Effective May 7, 2012, Richard Pierce resigned from his position as a
member of the Board of Directors of Discovery Energy Corp., f/k/a "Santos
Resource Corp." ("Registrant"). His resignation was not a result of any
disagreement with Registrant.
Effective May 7, 2012, Registrant expanded its Board of Directors from two
members to three members and elected Keith D. Spickelmier and William E. Begley
to fill the newly created vacancies from such expansion and Mr. Pierce's
resignation, to serve along with Keith J. McKenzie, who remains as the third
director. Mr. Spickelmier was also elected as Registrant's Chairman of the
The following is the background of Registrant's new directors:
KEITH D. SPICKELMIER - Mr. Spickelmier (age 50) is the Executive Chairman
of Sintana Energy Inc. (SNN:TSX-V), a public company with oil and gas operations
in South America, He was a founding partner of Northbrook Energy LLC, which
subsequently completed a business combination with Sintana Energy (previously
Drift Lake Resources). He was the founder and Chairman of Westside Energy, a
company he grew from a start-up in May 2002 to US $200 million sale in 2008.
Prior to joining Westside Energy, he was a partner with the law firm Verner,
Liipfert, Bernhard, McPherson and Hand. From April 2001 through July 2003, Mr.
Spickelmier was of counsel with the law firm Haynes and Boone, LLP. Mr.
Spickelmier holds a B.A. from the University of Nebraska at Kearney and a J.D.

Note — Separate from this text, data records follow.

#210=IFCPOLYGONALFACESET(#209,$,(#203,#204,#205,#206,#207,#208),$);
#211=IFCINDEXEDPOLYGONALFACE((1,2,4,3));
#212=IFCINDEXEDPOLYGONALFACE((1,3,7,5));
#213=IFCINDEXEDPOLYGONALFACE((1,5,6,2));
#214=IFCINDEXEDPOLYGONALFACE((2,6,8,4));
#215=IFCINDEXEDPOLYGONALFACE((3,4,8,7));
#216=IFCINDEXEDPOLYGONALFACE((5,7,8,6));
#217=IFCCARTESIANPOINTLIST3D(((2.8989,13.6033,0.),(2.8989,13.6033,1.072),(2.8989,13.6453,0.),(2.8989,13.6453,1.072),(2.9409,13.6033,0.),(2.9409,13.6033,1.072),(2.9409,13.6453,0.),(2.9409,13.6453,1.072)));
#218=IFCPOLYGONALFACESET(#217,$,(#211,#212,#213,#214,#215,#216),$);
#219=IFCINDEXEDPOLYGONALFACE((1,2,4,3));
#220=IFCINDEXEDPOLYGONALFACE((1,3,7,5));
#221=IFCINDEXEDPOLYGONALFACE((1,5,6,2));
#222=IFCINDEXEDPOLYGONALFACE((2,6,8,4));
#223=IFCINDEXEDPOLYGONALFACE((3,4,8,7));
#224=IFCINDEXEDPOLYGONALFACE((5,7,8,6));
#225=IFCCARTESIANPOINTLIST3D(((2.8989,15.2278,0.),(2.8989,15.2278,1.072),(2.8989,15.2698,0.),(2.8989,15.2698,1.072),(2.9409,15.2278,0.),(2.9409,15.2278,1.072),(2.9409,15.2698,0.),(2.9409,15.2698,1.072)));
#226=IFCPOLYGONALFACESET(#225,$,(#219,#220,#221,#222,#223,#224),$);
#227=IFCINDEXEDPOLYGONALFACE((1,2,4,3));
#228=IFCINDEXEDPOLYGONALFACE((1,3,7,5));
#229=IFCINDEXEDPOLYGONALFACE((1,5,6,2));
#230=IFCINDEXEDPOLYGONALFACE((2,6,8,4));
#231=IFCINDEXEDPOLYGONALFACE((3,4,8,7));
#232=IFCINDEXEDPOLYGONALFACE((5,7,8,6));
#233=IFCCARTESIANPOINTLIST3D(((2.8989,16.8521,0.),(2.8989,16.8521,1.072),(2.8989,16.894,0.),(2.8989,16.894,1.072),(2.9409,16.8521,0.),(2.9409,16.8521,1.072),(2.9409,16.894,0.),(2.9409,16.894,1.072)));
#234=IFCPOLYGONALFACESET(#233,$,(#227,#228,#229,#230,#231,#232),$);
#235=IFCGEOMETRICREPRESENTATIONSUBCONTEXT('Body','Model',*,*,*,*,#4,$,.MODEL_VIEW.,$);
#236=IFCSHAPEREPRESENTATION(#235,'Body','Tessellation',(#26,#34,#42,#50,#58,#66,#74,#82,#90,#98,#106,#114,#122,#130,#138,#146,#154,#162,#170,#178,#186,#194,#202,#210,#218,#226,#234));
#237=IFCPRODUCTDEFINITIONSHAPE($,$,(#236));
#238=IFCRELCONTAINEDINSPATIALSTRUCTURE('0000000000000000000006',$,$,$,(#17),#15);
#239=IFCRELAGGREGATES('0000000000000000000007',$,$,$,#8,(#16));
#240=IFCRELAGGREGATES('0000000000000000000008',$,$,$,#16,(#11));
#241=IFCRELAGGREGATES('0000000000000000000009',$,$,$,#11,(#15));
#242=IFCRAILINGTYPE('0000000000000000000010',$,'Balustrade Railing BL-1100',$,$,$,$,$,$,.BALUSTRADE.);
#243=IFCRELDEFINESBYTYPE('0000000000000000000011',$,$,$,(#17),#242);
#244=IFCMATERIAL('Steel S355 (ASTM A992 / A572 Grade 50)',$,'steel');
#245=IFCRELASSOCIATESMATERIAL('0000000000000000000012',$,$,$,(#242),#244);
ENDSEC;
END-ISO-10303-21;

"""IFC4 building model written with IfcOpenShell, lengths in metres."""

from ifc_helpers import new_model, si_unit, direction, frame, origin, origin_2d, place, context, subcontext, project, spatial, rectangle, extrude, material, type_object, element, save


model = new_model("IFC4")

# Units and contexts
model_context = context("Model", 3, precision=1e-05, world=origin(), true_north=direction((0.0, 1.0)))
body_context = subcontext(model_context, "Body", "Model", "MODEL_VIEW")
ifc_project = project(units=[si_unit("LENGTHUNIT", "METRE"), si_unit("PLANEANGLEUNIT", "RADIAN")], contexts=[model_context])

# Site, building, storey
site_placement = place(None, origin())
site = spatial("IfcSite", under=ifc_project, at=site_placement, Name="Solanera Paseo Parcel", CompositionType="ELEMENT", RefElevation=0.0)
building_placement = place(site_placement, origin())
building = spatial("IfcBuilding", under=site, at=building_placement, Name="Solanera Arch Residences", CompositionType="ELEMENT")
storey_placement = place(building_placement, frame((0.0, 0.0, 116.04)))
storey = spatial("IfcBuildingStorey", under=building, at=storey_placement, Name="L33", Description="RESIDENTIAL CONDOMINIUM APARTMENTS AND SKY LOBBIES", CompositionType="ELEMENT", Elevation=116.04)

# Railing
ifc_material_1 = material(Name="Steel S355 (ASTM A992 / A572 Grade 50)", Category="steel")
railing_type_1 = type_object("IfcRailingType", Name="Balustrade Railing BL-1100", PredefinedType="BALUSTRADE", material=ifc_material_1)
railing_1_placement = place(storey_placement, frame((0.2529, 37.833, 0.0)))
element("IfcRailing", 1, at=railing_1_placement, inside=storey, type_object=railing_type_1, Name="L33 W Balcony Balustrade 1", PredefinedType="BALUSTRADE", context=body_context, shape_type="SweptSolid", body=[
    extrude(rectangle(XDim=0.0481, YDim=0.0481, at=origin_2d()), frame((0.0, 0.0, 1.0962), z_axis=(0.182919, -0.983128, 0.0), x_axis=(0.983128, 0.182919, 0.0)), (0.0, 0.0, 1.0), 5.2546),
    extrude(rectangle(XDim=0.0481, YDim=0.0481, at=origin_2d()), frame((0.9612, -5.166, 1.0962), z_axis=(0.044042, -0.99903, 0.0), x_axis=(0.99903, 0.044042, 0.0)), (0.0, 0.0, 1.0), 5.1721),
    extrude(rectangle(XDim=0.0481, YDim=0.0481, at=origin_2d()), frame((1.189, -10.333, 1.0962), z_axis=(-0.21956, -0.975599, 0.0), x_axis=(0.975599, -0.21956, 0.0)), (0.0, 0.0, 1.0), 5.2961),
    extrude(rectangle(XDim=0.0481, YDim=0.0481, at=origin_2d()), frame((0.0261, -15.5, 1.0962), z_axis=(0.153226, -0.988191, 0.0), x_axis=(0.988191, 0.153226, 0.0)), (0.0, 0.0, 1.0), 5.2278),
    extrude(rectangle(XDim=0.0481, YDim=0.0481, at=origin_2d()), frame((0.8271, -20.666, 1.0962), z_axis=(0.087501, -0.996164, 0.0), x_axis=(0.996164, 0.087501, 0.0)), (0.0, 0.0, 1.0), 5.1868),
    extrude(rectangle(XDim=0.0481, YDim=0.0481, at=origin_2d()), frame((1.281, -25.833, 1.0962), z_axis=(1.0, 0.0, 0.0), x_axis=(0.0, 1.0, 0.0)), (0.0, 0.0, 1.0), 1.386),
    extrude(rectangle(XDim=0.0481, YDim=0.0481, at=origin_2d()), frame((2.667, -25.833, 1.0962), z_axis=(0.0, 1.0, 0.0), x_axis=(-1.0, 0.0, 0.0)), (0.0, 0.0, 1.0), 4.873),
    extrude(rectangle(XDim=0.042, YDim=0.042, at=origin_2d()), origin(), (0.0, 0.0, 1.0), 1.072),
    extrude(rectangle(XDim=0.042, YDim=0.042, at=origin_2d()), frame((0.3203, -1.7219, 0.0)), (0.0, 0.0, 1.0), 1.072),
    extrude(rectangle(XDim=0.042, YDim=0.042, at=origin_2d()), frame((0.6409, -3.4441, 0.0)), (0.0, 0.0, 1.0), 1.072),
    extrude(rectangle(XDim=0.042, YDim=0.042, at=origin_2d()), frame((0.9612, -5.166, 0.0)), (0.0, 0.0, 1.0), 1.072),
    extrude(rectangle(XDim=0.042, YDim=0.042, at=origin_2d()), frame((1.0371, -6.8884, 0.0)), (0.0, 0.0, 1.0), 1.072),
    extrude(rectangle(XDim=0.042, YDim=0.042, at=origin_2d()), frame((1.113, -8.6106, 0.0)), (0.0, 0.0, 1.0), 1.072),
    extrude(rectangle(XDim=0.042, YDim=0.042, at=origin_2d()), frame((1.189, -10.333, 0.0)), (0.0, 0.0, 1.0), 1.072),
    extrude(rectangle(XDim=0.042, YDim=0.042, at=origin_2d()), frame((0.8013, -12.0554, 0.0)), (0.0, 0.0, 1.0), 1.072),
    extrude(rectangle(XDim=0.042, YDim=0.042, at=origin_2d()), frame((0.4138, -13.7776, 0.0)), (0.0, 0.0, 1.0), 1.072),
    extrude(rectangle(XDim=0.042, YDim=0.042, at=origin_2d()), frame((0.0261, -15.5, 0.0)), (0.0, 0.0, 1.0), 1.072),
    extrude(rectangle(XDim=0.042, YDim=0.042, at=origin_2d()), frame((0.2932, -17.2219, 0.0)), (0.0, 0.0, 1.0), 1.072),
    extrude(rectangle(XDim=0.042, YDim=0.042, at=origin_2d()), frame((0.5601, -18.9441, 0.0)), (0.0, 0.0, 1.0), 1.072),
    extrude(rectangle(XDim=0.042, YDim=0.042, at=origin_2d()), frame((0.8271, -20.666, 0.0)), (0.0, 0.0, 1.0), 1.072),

from the University of Houston.
WILLIAM E. BEGLEY - Mr. Begley (age 57) has been Registrant's Chief
Financial Officer and Treasurer since January 2012. Mr. Begley has more than 25
years of energy industry and finance experience, and began his career with
British Petroleum (BP). He has also held senior positions in energy banking with
Solomon, Inc. and was recently President of Stone & Webster Management
Consulting, specializing in the design and development of major energy projects.
As a leading energy advisor in Australia, Mr. Begley was instrumental in the
development of the liberalized natural gas markets in Australia and Victoria
specifically, with Gas & Fuel Victoria, and in the development of VENCorp, the
natural gas trading and scheduling exchange in Australia. Mr. Begley also has a
strong background in leading major capital energy projects including LNG,
Methanol, and related petro-chemical and gas monetization projects, which will
complement ongoing company initiatives. He has also been involved in over $100
billion in energy related mergers and acquisitions, initially with Solomon, Inc.

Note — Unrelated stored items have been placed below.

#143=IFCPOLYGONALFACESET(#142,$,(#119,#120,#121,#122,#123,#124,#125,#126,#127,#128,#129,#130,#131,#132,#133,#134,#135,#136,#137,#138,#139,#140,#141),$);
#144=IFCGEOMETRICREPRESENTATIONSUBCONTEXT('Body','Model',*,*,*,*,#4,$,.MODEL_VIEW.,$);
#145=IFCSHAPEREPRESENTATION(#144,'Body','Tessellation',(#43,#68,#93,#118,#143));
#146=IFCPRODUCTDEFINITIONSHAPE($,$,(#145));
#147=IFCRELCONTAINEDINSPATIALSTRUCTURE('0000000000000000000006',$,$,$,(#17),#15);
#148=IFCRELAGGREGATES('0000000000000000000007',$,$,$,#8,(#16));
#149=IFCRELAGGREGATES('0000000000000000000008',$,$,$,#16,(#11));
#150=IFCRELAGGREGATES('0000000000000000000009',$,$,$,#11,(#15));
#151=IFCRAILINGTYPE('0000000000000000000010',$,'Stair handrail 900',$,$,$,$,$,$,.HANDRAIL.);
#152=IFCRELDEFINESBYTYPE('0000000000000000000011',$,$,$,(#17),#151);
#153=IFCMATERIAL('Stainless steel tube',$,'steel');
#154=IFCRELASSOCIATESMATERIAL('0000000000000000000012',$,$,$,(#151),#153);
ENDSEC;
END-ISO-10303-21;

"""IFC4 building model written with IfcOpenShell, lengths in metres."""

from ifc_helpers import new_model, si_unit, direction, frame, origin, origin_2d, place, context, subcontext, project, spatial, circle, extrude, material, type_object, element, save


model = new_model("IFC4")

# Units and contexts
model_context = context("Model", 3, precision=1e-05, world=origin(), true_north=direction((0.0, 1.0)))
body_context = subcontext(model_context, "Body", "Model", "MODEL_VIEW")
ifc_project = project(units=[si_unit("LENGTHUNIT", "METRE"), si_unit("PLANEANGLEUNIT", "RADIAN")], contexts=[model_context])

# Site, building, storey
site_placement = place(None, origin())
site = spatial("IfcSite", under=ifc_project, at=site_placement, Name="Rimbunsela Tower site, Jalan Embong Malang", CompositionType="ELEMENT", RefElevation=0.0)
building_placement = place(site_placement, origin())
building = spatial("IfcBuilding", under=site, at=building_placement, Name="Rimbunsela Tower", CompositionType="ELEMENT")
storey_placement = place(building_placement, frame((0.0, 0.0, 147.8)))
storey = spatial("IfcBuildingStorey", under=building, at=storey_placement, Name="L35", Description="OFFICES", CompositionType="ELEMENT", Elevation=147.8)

and more recently on an independent basis through WEB Gruppe GmbH. Mr. Begley
recently served as Chief Financial Officer and Treasurer for Magellan Petroleum
Corporation. His graduate JD/MBA studies are in international business and
energy law. Mr. Begley graduated in 1976 with a B.A. from St. Michaels' College
Registrant's Board of Directors has not established any standing
committees, including an Audit Committee, Compensation Committee or a Nominating
Committee. The Board of Directors as a whole undertakes the functions of those
committees. The Board of Directors may establish one or more of these
committees whenever it believes that doing so would benefit Registrant.
Registrant has not established standard compensation arrangements for its
directors, and the compensation, if any, payable to each individual for his or
her service on Registrant's Board will be determined (for the foreseeable
future) from time to time by the Board of Directors based upon the amount of
time expended by each of the directors on Registrant's behalf.
ITEM 8.01 OTHER EVENTS.
AMENDMENT AND RESTATEMENT OF ARTICLES OF INCORPORATION. In view of
Registrant's procurement of the necessary consent to all of the proposals
contained in Registrant's written consent solicitation statement, effective May
7, 2012 Registrant's Articles of Incorporation have been amended and restated.
These Articles of Incorporation have been amended in the following respects:
1. Registrant's corporate name has been changed to "Discovery Energy
2. The number of Registrant's authorized shares of common stock
increased from 75.0 million 500.0 million.
3. Ten million shares of what is generally known as "blank check"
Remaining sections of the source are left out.